Ein günstiges Spray auf den Blättern hat den Schaden weitgehend aufgehoben, den salziger Boden Tomatenpflanzen zufügt. Unter der stärksten Salzbelastung im Gewächshaus bildeten behandelte Pflanzen doppelt so viel Sprossmasse wie unbehandelte, ihre Wurzeln wogen mehr als 55 Prozent mehr.
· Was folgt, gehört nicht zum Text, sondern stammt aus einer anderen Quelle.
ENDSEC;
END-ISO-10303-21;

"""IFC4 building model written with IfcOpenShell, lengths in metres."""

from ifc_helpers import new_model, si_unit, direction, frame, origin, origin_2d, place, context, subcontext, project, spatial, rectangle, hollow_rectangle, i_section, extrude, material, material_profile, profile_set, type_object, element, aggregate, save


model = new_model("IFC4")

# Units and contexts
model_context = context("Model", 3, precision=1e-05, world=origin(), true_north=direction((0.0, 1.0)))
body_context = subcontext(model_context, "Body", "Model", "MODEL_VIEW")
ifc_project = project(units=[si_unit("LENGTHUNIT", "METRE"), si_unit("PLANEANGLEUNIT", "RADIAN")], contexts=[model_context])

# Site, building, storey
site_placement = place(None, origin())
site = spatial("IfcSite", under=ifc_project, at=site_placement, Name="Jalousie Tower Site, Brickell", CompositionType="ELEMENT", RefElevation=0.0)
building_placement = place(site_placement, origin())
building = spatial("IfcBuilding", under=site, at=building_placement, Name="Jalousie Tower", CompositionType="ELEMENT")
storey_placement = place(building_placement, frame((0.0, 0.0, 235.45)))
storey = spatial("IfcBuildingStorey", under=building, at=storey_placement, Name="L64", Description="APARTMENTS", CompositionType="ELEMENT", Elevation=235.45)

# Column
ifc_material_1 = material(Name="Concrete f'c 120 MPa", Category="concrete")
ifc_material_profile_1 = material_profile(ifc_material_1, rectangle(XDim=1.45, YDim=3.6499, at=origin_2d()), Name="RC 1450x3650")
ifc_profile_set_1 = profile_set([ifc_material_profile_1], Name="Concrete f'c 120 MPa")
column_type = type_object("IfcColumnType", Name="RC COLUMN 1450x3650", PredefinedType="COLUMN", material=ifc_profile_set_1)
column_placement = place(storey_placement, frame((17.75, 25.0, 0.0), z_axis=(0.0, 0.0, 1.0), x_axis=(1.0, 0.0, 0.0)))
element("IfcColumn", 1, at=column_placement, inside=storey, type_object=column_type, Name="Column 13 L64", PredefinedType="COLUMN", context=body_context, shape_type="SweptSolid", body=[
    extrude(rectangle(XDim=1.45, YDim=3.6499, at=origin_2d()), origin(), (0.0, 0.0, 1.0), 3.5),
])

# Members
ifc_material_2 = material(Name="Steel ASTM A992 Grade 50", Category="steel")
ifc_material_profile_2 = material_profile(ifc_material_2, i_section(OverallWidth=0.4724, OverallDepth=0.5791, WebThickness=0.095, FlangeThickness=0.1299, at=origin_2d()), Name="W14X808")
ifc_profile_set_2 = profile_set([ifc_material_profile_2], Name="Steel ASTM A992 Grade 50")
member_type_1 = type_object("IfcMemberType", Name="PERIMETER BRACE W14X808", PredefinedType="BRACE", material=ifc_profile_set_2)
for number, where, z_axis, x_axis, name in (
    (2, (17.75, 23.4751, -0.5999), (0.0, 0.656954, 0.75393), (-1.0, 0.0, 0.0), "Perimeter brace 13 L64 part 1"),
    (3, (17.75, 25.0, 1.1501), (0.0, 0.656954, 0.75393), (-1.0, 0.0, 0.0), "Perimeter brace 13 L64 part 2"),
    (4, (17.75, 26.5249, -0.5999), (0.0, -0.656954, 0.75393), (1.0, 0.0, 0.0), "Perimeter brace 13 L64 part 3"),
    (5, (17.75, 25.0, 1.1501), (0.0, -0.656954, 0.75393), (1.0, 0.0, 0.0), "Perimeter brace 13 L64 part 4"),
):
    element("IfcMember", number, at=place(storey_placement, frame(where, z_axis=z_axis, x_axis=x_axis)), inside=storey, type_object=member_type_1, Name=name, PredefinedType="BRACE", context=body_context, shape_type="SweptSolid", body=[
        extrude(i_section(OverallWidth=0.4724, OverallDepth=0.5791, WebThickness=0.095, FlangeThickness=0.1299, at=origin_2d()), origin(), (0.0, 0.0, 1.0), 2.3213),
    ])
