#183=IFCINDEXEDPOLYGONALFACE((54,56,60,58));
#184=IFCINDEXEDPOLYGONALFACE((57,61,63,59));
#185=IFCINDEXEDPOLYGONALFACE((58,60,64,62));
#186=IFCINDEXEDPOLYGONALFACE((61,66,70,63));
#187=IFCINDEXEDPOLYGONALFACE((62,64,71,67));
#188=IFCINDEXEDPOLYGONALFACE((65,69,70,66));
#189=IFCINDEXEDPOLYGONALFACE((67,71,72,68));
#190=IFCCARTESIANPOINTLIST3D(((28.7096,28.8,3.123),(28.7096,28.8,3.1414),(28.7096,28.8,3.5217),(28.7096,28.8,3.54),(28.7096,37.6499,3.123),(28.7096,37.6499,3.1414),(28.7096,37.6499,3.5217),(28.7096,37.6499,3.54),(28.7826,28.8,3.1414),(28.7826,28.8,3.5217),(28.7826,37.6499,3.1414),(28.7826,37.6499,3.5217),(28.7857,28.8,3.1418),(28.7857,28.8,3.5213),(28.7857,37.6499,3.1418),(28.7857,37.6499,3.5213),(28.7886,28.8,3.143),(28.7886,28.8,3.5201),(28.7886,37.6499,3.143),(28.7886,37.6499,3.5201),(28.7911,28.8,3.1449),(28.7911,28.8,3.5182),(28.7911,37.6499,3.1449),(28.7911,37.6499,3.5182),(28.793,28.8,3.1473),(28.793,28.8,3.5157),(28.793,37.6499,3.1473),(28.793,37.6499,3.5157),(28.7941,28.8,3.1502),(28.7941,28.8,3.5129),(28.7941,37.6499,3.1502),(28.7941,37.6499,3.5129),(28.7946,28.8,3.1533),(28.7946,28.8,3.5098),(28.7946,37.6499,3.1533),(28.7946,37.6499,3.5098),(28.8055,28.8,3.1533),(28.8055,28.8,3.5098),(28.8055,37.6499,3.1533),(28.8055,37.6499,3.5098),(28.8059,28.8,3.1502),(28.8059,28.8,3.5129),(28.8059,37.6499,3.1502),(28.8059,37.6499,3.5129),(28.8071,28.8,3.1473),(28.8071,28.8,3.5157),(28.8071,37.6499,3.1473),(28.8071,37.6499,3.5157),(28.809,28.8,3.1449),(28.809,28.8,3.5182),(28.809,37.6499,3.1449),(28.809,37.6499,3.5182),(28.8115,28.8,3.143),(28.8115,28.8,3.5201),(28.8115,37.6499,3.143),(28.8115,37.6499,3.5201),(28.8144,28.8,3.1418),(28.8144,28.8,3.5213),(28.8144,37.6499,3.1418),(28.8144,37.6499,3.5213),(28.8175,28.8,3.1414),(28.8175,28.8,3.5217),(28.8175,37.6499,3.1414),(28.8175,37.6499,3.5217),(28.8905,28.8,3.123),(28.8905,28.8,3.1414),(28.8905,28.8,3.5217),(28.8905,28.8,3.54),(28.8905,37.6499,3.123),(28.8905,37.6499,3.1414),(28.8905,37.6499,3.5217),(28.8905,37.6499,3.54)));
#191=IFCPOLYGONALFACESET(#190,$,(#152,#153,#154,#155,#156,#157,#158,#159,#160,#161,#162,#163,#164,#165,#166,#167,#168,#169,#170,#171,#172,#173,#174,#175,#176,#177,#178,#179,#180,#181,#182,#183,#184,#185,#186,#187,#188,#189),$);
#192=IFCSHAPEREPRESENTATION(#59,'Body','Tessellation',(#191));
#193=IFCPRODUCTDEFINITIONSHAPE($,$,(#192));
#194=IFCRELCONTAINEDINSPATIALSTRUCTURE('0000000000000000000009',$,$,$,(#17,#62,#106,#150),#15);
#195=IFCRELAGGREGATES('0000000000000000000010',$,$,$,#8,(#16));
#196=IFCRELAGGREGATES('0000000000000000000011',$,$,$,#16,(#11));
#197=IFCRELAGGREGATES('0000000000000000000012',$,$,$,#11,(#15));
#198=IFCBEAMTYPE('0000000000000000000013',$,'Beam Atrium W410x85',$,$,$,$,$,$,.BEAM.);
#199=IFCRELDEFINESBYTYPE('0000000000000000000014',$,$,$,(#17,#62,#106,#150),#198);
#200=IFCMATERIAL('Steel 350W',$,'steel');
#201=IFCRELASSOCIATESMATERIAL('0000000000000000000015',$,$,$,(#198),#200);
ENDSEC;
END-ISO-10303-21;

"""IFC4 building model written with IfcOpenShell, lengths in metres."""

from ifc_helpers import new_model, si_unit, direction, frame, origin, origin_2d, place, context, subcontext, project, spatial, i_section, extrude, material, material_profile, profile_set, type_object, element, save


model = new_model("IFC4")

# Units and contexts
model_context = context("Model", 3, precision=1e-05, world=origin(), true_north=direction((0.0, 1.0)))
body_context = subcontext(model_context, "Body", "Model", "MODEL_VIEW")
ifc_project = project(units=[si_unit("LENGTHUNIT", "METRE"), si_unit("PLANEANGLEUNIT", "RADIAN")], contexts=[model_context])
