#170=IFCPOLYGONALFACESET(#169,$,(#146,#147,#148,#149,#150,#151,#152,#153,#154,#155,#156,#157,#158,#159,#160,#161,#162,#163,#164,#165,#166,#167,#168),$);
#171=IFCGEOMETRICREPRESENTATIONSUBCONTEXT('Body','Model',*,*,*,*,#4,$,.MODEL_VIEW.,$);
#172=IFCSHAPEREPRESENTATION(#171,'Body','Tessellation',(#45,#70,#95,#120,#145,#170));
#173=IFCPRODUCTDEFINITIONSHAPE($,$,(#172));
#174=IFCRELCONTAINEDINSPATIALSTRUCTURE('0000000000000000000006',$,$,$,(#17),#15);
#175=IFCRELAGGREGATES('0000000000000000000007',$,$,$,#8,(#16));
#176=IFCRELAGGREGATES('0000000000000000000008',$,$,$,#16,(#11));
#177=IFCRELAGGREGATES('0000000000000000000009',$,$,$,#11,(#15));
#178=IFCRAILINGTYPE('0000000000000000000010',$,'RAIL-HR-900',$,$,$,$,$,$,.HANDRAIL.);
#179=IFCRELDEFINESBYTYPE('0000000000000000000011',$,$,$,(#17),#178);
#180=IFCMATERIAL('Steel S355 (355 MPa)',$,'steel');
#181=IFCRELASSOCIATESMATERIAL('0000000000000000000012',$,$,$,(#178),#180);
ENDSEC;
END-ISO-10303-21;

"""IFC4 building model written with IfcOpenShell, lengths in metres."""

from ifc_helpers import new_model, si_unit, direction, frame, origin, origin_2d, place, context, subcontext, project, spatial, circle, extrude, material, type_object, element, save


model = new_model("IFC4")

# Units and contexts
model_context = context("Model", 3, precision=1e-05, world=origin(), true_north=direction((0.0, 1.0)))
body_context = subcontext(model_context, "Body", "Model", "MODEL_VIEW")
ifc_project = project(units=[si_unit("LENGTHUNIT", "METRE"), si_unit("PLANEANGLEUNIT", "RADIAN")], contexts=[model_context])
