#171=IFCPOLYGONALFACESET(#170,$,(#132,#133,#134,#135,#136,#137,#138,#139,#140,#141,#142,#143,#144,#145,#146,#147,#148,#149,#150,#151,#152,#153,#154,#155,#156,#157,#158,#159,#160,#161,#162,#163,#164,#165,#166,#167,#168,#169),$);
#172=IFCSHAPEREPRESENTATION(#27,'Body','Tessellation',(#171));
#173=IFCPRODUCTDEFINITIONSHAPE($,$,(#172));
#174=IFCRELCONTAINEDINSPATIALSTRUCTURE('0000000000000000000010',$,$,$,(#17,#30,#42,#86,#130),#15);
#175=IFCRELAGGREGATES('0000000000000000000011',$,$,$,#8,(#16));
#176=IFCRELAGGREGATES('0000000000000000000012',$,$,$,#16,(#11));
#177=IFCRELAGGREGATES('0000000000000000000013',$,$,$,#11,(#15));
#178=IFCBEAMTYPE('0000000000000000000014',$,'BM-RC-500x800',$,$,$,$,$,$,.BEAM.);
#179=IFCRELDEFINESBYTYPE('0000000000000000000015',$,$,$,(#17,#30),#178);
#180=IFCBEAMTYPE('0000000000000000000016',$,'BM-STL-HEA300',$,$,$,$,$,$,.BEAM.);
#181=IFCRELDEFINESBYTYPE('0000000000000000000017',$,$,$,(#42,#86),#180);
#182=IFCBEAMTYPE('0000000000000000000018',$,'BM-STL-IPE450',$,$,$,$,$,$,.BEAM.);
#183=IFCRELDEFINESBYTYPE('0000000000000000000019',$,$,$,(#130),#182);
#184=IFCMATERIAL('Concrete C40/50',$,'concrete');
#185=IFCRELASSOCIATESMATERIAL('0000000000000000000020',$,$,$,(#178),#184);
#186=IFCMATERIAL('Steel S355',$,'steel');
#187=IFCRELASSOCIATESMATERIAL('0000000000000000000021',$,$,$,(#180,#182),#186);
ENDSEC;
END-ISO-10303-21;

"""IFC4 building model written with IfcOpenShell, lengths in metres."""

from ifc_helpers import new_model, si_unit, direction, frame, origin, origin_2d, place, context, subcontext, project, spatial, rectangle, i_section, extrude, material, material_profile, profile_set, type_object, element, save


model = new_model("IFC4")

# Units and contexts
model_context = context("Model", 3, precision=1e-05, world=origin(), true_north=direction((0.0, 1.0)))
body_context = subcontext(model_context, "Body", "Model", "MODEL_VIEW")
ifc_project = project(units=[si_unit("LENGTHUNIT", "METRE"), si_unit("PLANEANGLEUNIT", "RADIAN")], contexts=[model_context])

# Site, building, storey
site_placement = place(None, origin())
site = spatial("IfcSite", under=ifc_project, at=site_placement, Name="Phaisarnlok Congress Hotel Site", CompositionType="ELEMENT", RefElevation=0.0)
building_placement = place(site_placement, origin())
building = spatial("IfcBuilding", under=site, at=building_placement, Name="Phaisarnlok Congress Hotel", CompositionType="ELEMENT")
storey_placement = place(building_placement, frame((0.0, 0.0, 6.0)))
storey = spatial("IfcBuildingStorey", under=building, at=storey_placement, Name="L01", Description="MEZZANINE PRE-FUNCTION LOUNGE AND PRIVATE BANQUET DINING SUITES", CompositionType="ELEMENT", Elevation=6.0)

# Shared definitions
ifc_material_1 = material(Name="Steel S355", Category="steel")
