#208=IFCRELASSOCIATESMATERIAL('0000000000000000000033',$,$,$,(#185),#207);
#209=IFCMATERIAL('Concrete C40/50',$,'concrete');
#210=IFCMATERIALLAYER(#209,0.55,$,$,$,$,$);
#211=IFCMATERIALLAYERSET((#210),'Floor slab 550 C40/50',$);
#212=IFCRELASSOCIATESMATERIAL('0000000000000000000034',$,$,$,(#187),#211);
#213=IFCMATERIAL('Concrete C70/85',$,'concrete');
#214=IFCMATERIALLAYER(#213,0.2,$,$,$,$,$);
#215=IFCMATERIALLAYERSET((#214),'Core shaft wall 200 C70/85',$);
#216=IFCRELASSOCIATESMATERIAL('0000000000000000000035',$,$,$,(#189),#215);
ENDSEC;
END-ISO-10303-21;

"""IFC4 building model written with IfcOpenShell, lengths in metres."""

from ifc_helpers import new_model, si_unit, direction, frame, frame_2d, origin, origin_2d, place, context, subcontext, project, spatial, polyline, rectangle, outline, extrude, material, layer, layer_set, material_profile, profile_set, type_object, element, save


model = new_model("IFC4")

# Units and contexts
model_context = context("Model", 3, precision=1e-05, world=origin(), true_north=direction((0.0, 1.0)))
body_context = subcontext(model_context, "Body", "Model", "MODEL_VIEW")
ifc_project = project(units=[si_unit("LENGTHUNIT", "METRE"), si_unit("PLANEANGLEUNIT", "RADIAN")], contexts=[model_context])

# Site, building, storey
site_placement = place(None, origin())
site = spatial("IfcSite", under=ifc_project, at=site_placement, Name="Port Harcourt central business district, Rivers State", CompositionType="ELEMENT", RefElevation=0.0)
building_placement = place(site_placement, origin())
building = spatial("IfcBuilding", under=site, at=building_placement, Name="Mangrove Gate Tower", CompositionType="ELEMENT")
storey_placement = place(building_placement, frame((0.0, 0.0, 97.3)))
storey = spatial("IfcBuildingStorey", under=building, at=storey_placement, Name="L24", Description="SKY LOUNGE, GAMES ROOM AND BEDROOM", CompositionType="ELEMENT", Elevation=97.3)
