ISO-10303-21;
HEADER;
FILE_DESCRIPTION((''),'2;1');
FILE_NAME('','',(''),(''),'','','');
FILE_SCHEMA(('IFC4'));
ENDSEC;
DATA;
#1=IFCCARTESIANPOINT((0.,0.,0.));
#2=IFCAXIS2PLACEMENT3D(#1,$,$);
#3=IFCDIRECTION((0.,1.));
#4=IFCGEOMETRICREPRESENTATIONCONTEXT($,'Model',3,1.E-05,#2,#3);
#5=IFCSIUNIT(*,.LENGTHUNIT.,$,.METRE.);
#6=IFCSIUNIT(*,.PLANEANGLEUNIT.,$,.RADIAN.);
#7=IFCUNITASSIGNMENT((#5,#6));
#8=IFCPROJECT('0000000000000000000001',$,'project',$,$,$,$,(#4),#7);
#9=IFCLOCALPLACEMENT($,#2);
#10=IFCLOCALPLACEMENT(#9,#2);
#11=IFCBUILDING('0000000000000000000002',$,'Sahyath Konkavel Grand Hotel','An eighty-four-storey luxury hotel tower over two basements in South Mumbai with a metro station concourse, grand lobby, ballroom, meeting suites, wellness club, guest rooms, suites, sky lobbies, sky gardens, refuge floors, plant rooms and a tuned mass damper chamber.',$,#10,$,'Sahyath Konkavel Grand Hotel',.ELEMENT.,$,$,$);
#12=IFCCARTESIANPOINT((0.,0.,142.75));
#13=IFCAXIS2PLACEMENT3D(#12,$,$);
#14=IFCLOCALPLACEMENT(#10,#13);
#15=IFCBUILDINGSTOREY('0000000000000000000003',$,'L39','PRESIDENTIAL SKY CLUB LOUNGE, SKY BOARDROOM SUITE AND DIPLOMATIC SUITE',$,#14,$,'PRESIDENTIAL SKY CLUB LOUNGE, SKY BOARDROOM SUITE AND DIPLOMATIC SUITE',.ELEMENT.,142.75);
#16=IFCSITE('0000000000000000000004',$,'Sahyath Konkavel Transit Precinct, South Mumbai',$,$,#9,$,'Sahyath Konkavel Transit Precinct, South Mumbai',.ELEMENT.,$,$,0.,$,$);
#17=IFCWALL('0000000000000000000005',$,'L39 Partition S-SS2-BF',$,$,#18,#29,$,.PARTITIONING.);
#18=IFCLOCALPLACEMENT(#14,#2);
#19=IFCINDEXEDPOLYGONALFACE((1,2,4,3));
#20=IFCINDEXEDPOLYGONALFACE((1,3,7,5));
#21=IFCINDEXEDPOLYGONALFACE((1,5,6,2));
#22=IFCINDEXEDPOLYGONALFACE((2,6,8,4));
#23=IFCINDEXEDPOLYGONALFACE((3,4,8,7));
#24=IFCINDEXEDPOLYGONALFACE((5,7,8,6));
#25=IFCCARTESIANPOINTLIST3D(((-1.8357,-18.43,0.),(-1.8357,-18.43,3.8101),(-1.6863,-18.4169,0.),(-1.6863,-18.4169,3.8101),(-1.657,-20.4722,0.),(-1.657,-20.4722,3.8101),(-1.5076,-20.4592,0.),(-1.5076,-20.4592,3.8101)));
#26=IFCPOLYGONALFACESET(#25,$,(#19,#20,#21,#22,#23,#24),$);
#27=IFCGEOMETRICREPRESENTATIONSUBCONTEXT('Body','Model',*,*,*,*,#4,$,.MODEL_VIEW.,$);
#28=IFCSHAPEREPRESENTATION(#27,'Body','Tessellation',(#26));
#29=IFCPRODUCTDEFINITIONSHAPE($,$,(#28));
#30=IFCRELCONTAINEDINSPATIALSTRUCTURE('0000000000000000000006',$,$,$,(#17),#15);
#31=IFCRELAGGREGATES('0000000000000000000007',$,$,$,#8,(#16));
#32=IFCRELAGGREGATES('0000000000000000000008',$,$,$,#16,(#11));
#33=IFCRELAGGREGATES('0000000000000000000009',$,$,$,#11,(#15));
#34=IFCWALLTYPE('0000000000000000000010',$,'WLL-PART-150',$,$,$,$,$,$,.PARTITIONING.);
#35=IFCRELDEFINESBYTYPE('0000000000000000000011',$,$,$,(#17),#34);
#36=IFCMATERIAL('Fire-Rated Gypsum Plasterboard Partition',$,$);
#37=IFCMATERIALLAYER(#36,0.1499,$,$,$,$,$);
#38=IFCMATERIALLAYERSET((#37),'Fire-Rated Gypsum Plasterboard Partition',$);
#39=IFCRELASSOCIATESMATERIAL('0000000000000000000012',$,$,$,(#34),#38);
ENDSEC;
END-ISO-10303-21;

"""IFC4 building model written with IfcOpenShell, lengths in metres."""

from ifc_helpers import new_model, si_unit, direction, frame, frame_2d, origin, place, context, subcontext, project, spatial, rectangle, extrude, material, layer, layer_set, type_object, element, save


model = new_model("IFC4")

# Units and contexts
model_context = context("Model", 3, precision=1e-05, world=origin(), true_north=direction((0.0, 1.0)))
body_context = subcontext(model_context, "Body", "Model", "MODEL_VIEW")
ifc_project = project(units=[si_unit("LENGTHUNIT", "METRE"), si_unit("PLANEANGLEUNIT", "RADIAN")], contexts=[model_context])

# Site, building, storey
site_placement = place(None, origin())
site = spatial("IfcSite", under=ifc_project, at=site_placement, Name="Sahyath Konkavel Transit Precinct, South Mumbai", LongName="Sahyath Konkavel Transit Precinct, South Mumbai", CompositionType="ELEMENT", RefElevation=0.0)
building_placement = place(site_placement, origin())
building = spatial("IfcBuilding", under=site, at=building_placement, Name="Sahyath Konkavel Grand Hotel", Description="An eighty-four-storey luxury hotel tower over two basements in South Mumbai with a metro station concourse, grand lobby, ballroom, meeting suites, wellness club, guest rooms, suites, sky lobbies, sky gardens, refuge floors, plant rooms and a tuned mass damper chamber.", LongName="Sahyath Konkavel Grand Hotel", CompositionType="ELEMENT")
storey_placement = place(building_placement, frame((0.0, 0.0, 142.75)))
storey = spatial("IfcBuildingStorey", under=building, at=storey_placement, Name="L39", Description="PRESIDENTIAL SKY CLUB LOUNGE, SKY BOARDROOM SUITE AND DIPLOMATIC SUITE", LongName="PRESIDENTIAL SKY CLUB LOUNGE, SKY BOARDROOM SUITE AND DIPLOMATIC SUITE", CompositionType="ELEMENT", Elevation=142.75)

# Wall
ifc_material_1 = material(Name="Fire-Rated Gypsum Plasterboard Partition")
ifc_layer_1 = layer(ifc_material_1, 0.1499)
ifc_layer_set_1 = layer_set([ifc_layer_1], Name="Fire-Rated Gypsum Plasterboard Partition")
wall_type_1 = type_object("IfcWallType", Name="WLL-PART-150", PredefinedType="PARTITIONING", material=ifc_layer_set_1)
wall_1_placement = place(storey_placement, frame((-1.761, -18.4236, 0.0), z_axis=(0.0, 0.0, 1.0), x_axis=(0.087174, -0.996193, 0.0)))
element("IfcWall", 1, at=wall_1_placement, inside=storey, type_object=wall_type_1, Name="L39 Partition S-SS2-BF", PredefinedType="PARTITIONING", context=body_context, shape_type="SweptSolid", body=[
    extrude(rectangle(XDim=2.05, YDim=0.1499, at=frame_2d((1.0249, 0.0))), origin(), (0.0, 0.0, 1.0), 3.8101),
])

save(model, "model.ifc")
Die Arbeit erschien im International Journal of Phytoremediation.
Salz ist ein langsamer Notfall der Landwirtschaft. Es betrifft weltweit mehr als 8,3 Millionen Quadratkilometer Land, eine Fläche etwa so groß wie Australien, und bedroht 20 bis 30 Prozent der bewässerten Ackerflächen, vor allem in trockenen Regionen. Das berichtet das Forschungsteam. Salziger Boden hindert die Wurzeln daran, Wasser aufzunehmen, und bremst die Fotosynthese. In hoher Konzentration vergiftet er die Pflanze.
Die Behandlung besteht aus zwei Zutaten. Die eine sind Manganoxid-Nanopartikel, winzige Teilchen eines Nährstoffs, den Pflanzen ohnehin brauchen. Die andere ist Chitosan, ein natürliches Polymer aus Krebstierschalen, das in großen Mengen als Abfall der Fischerei anfällt. Die Mischung kommt auf die Blätter statt in den Boden. Das hält Dosis und Kosten niedrig.
"Das Spannende an diesem Ansatz ist, dass er günstig, nachhaltig und schon in sehr kleinen Dosen wirksam ist", sagte Hamidreza Sharifan, korrespondierender Autor der Studie und Assistenzprofessor für Chemie an der University of Texas at El Paso. "Wir geben den Pflanzen die Mittel, sich selbst zu schützen, statt das Salz frontal zu bekämpfen."
Die gemessenen Effekte gingen über die Masse hinaus. Carotinoide, Farbstoffe für die Lichtaufnahme, nahmen um rund 91 Prozent zu. Die Aktivität antioxidativer Enzyme stieg um bis zu 300 Prozent, chemische Marker für Zellschäden gingen deutlich zurück. Das Spray blockiert das Salz also nicht, es stärkt die eigene Stressabwehr der Pflanze.
Tomaten waren ein bewusst gewählter Testfall. Die weltweite Produktion lag 2023 bei etwa 192 Millionen Tonnen, und die Pflanze reagiert vergleichsweise empfindlich auf Salz. "Wenn es bei Tomaten gut funktioniert, ist das ein starkes Signal, dass es sich auf andere salzempfindliche Kulturen übertragen lässt", sagte Sharifan dem Anthropocene Magazine.
Die Ergebnisse stammen aus kontrollierten Gewächshausbedingungen. Das Team betont, dass Feldversuche nötig sind, bevor Betriebe sich auf das Spray verlassen können. Zwei Fragen stehen dabei im Vordergrund: ob der Effekt über eine ganze Saison im Freiland hält und was wiederholte Mangangaben über Jahre mit der Bodengesundheit machen.